Column names indicate parameter and resulting KPI values, row indizees indicate unique part number location combination
https://www.law.cornell.edu/uscode/text/17/106https://www.law.cornell.edu/uscode/text/17/106
Collecting and utilizing data to understand population trends, make predictions, and guide decisions is becoming increasingly common in today's world. In particular, statistical learning allows users to infer relationships between variables, learn patterns, and predict outcomes for previously unseen data via concepts and techniques from statistics and machine learning. Although many of the results of this practice have been beneficial, the data used often contain sensitive information, such as medical records or financial information, so maintaining privacy is of paramount importance when releasing statistics, parameter estimates, and other results. Differential privacy (DP) is the state-of-the-art framework for guaranteeing privacy when releasing aggregate information and statistics from a dataset. It provides a provable bound on the incurred privacy loss via the injection of random noise, at the cost of a reduction in utility. While many works have been devoted to establishing DP guarantees for various analysis tools in the past two decades since DP's introduction, many popular statistical learning approaches still lack a DP counterpart. This dissertation addresses this issue in three original research topics, as listed below.
First, the dissertation presents the first differentially private algorithm for general weighted empirical risk minimization (wERM), along with theoretical DP guarantees. It evaluates the performance of the DP-wERM framework applied to outcome weighted learning (OWL), a method for learning individualized treatment rules, in both simulation studies and in a real clinical trial. The results demonstrate the feasibility of training OWL models via wERM with DP guarantees while maintaining sufficiently robust model performance.

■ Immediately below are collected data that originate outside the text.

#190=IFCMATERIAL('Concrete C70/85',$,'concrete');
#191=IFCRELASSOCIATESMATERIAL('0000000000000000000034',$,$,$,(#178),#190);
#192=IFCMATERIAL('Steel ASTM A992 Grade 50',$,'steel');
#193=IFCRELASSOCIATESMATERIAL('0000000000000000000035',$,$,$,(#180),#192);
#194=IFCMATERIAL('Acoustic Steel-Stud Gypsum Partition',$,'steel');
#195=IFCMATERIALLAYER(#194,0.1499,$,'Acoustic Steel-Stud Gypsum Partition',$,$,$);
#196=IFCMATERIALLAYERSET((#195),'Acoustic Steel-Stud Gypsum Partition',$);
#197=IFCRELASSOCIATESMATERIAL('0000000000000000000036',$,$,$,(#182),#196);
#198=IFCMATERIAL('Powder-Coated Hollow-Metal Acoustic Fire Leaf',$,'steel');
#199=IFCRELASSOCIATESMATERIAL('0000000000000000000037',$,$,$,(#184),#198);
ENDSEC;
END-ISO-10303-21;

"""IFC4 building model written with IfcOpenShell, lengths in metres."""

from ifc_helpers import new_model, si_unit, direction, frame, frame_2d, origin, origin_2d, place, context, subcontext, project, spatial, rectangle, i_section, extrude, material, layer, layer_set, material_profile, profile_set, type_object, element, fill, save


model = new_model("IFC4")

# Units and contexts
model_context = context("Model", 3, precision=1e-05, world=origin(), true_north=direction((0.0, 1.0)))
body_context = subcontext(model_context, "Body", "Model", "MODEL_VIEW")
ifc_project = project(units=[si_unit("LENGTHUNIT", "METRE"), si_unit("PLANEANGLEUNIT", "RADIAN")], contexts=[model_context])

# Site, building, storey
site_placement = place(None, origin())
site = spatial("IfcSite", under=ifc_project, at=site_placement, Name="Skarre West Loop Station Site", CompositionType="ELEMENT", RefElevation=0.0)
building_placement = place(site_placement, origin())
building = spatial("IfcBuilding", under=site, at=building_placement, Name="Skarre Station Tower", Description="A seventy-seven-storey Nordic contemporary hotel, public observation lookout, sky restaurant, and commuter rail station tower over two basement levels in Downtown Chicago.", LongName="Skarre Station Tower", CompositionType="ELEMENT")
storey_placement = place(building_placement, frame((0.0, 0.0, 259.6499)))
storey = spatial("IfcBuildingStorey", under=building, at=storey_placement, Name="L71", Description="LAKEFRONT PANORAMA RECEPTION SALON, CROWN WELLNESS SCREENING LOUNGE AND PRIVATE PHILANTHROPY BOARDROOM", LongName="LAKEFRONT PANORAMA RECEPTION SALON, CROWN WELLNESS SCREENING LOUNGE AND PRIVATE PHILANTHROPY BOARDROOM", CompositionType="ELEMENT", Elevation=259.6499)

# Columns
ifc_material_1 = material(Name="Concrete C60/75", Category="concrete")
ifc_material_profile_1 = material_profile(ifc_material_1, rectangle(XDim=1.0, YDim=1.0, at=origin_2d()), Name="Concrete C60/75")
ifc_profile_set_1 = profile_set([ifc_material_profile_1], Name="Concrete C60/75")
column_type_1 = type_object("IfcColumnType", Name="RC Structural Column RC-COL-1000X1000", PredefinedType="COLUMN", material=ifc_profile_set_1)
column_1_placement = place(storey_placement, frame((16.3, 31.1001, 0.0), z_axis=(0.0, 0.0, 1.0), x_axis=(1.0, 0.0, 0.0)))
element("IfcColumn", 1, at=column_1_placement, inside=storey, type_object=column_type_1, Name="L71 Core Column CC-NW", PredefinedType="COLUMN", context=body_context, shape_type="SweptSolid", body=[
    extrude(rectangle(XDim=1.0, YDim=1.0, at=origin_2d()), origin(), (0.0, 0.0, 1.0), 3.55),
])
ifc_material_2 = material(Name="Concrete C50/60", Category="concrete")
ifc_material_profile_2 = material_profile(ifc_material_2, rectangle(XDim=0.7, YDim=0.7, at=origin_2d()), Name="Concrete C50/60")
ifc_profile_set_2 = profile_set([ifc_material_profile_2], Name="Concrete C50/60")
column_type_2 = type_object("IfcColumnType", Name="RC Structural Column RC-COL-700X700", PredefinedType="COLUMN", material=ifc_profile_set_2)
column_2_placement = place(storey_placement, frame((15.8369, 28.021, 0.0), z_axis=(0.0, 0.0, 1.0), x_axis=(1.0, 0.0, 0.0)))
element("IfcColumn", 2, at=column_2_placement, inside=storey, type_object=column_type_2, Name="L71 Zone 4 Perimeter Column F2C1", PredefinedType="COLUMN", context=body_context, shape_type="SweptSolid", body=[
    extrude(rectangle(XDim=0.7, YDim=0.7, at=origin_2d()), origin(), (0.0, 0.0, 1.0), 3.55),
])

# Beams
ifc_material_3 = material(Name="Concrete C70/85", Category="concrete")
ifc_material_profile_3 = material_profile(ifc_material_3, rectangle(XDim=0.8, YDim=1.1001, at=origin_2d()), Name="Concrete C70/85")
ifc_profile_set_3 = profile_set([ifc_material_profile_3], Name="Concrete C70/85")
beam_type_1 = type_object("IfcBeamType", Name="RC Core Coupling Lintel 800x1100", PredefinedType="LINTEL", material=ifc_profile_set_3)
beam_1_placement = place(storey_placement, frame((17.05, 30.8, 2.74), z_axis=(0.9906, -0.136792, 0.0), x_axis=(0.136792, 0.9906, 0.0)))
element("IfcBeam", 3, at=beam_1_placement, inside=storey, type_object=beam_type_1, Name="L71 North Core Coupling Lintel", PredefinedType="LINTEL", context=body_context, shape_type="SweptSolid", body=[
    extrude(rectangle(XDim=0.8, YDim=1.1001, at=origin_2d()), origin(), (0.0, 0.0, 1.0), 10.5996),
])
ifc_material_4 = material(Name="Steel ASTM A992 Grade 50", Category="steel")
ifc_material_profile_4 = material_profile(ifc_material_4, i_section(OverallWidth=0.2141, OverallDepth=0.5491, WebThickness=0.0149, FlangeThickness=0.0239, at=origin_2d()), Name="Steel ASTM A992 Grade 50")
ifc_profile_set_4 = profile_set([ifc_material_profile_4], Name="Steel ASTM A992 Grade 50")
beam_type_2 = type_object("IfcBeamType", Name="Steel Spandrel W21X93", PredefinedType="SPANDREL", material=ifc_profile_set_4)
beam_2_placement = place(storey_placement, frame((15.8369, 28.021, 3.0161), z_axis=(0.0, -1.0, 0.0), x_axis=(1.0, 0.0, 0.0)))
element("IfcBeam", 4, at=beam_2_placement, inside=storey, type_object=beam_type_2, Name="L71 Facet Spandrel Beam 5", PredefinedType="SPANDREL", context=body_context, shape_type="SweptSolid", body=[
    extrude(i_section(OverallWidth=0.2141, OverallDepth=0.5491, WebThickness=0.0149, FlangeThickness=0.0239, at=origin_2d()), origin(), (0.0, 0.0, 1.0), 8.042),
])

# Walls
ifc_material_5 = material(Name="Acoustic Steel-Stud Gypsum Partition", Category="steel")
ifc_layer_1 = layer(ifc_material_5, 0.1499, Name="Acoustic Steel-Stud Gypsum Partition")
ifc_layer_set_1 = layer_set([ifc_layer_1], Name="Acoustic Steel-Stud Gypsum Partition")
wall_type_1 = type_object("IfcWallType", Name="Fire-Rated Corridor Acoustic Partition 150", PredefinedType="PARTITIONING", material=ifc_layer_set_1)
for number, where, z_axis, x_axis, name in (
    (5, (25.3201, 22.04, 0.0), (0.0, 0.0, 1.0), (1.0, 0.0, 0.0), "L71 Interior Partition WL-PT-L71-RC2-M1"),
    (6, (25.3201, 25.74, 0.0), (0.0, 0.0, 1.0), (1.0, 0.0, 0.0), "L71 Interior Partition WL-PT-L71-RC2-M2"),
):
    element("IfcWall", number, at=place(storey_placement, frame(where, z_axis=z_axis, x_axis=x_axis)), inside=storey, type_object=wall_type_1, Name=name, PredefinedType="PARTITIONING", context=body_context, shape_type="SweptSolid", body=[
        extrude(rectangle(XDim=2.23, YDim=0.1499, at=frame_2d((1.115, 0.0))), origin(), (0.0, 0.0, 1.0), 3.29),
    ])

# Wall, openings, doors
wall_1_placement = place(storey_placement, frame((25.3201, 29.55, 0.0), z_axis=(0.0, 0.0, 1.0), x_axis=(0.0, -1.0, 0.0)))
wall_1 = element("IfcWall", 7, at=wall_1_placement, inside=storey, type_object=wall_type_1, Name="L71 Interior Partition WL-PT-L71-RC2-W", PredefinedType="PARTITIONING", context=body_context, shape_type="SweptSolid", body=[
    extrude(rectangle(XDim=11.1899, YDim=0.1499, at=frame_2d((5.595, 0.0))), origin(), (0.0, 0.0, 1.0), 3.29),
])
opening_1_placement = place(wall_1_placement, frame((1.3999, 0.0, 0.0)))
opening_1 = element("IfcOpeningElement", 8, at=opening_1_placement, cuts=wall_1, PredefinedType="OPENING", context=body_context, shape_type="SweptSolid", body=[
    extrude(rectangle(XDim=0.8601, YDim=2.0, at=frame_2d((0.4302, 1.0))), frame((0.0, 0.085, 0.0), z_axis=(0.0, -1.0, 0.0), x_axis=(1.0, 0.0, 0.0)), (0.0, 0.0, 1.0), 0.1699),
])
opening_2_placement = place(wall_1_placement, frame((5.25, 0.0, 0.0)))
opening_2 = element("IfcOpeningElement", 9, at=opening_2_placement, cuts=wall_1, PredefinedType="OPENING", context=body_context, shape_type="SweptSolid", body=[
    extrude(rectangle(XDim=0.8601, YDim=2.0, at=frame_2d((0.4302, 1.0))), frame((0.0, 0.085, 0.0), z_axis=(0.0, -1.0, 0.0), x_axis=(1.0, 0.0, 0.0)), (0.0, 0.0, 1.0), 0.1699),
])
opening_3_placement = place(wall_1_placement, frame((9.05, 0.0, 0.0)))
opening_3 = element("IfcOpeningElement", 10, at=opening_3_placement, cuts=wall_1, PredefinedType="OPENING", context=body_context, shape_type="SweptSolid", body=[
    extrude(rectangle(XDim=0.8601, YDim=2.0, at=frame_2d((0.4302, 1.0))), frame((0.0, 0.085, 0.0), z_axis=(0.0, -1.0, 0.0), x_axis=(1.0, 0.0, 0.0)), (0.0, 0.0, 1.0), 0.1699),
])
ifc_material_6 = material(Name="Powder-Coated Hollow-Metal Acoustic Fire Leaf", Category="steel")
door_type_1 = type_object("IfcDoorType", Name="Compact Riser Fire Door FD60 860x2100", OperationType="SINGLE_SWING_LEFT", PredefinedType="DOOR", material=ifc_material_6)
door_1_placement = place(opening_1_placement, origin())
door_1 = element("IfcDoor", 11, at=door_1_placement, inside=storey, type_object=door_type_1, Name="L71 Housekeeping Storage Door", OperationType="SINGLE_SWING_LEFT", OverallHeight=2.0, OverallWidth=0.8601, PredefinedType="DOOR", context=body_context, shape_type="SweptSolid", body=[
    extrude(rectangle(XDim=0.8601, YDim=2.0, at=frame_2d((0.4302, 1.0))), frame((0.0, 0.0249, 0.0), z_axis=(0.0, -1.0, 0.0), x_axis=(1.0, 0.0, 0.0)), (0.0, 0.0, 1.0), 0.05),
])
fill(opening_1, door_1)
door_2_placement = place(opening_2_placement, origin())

Second, the dissertation presents several original approaches with proven DP guarantees for linear mixed-effects (LME) models. LME models are popular, especially among statisticians, but lack sufficient work on integrating DP. The work leverages some recent advancements in the DP literature, particularly in DP stochastic gradient descent (SGD), to estimate LME model parameters with DP guarantees with better privacy-utility trade-offs. Theoretical results for an upper bound for the mean squared error between private parameter estimates vs the true parameters for DP-SGD-based approaches are provided, and a simulation study and a real-world case study provide further empirical evidence for the feasibility of the approaches at practically reasonable privacy budgets.

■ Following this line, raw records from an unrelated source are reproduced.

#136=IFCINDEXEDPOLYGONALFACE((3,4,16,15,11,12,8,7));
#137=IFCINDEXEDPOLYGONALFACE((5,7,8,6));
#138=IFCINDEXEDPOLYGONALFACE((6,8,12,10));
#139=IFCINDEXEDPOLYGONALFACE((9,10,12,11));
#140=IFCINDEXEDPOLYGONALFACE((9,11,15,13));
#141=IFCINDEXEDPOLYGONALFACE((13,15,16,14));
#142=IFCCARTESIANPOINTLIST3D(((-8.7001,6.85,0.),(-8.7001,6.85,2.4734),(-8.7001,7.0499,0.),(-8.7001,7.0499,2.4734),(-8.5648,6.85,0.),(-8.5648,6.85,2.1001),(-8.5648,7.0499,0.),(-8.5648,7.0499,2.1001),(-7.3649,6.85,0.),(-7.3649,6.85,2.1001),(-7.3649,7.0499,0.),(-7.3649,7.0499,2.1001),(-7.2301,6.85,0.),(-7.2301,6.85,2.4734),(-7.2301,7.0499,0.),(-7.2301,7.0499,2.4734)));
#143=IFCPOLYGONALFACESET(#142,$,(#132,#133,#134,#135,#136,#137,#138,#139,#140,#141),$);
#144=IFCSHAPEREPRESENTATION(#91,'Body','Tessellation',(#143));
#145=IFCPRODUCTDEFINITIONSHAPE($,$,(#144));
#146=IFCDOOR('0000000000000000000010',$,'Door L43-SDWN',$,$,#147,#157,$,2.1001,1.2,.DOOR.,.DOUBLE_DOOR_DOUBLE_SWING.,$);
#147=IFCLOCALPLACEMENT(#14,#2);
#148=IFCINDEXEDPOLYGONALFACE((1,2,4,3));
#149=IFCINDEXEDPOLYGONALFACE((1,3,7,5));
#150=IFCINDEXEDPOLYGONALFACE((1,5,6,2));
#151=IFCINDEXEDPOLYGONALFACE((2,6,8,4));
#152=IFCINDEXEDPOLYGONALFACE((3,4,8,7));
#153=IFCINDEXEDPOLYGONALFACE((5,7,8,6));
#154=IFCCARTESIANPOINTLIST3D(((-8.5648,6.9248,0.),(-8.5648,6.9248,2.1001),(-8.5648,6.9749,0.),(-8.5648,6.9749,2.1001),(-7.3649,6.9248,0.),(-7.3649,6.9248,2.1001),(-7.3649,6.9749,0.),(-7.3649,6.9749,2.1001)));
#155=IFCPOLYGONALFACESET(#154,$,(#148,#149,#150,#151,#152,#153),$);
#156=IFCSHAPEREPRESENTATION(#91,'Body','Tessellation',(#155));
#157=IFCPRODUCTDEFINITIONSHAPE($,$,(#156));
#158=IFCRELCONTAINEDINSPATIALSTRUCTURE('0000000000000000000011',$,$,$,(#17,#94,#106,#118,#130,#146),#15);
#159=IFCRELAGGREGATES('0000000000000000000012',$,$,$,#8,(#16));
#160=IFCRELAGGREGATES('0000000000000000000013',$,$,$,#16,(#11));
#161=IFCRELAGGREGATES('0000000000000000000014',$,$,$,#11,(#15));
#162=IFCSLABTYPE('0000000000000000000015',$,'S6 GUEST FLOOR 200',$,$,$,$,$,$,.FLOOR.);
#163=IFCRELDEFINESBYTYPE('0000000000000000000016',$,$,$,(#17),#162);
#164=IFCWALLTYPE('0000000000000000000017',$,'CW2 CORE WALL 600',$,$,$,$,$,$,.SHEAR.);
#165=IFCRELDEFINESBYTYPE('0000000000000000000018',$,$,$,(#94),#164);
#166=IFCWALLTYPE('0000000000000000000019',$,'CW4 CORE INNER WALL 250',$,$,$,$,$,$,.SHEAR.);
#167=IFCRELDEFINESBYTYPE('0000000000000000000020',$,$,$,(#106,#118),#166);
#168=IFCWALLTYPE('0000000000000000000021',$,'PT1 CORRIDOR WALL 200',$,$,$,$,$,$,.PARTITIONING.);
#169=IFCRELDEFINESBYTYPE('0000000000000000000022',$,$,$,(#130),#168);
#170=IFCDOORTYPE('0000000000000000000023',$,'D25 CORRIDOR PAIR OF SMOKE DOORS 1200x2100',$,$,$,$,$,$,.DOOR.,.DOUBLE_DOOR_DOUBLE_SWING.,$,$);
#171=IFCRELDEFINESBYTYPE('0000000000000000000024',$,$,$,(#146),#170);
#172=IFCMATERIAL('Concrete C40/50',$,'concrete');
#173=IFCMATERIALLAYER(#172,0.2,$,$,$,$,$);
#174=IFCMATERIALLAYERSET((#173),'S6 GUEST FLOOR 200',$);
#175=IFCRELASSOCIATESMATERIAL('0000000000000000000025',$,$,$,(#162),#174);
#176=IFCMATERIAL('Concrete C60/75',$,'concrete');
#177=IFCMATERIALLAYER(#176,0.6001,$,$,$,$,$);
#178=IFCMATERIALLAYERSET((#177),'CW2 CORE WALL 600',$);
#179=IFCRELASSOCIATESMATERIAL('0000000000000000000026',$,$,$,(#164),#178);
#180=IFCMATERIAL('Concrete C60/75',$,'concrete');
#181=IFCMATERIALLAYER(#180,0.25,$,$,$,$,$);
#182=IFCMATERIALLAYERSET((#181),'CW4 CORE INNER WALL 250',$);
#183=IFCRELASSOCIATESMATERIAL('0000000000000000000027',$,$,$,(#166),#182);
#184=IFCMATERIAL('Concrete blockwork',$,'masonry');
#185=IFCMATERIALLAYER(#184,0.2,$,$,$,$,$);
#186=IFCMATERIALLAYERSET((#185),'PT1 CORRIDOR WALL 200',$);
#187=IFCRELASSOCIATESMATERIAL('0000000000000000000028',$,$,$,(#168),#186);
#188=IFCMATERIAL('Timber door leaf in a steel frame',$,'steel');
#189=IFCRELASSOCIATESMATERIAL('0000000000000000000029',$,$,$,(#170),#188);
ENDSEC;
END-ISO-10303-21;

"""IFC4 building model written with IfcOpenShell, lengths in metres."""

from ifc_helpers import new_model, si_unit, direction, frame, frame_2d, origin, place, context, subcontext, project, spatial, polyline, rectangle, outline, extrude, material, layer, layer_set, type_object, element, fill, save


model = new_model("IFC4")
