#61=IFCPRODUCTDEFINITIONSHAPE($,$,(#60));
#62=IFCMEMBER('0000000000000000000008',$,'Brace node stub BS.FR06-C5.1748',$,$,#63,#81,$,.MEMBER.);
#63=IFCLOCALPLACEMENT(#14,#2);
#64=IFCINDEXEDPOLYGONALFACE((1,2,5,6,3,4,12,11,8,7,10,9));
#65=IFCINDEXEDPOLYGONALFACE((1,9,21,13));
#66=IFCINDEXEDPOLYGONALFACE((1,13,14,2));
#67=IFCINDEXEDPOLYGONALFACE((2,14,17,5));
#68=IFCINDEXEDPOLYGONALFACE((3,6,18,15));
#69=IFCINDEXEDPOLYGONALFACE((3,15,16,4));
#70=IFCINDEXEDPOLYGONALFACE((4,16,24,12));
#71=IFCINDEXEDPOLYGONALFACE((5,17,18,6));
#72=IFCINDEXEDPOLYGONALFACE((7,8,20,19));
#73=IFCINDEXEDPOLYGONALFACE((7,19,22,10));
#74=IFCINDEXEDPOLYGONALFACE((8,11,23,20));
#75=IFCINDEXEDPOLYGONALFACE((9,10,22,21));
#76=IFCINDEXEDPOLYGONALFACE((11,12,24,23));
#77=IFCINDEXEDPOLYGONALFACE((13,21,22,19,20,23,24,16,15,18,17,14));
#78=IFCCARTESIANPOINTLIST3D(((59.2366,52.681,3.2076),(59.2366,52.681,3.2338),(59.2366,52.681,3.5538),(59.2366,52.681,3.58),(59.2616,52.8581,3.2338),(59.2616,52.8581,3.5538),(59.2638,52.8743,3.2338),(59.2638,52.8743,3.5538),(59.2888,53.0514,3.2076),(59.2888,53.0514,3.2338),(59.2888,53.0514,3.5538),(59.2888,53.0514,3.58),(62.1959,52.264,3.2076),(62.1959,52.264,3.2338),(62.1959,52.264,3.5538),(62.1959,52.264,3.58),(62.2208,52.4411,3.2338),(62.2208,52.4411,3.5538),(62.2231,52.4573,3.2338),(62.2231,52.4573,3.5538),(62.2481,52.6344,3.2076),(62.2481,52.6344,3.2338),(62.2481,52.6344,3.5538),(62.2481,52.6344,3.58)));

Third, this dissertation introduces SAFES, a Sequential PrivAcy and Fairness Enhancing data Synthesis procedure that sequentially combines DP data synthesis with a fairness-aware data transformation. Alongside privacy, the fairness of decisions made by a statistical learning model is also crucial to address, though the vast majority of existing literature treats the two concerns independently. For methods that do consider privacy and fairness simultaneously, they often only apply to a specific machine learning task, limiting their generalizability. SAFES allows full control over the privacy-fairness-utility trade-off via tunable privacy and fairness parameters. SAFES is illustrated by combining a graphical model-based DP data synthesizer with a popular fairness-aware data pre-processing transformation, and empirical evaluations on two popular benchmark datasets demonstrate that for reasonable privacy loss, SAFES-generated synthetic data achieve significantly improved fairness metrics with relatively low utility loss.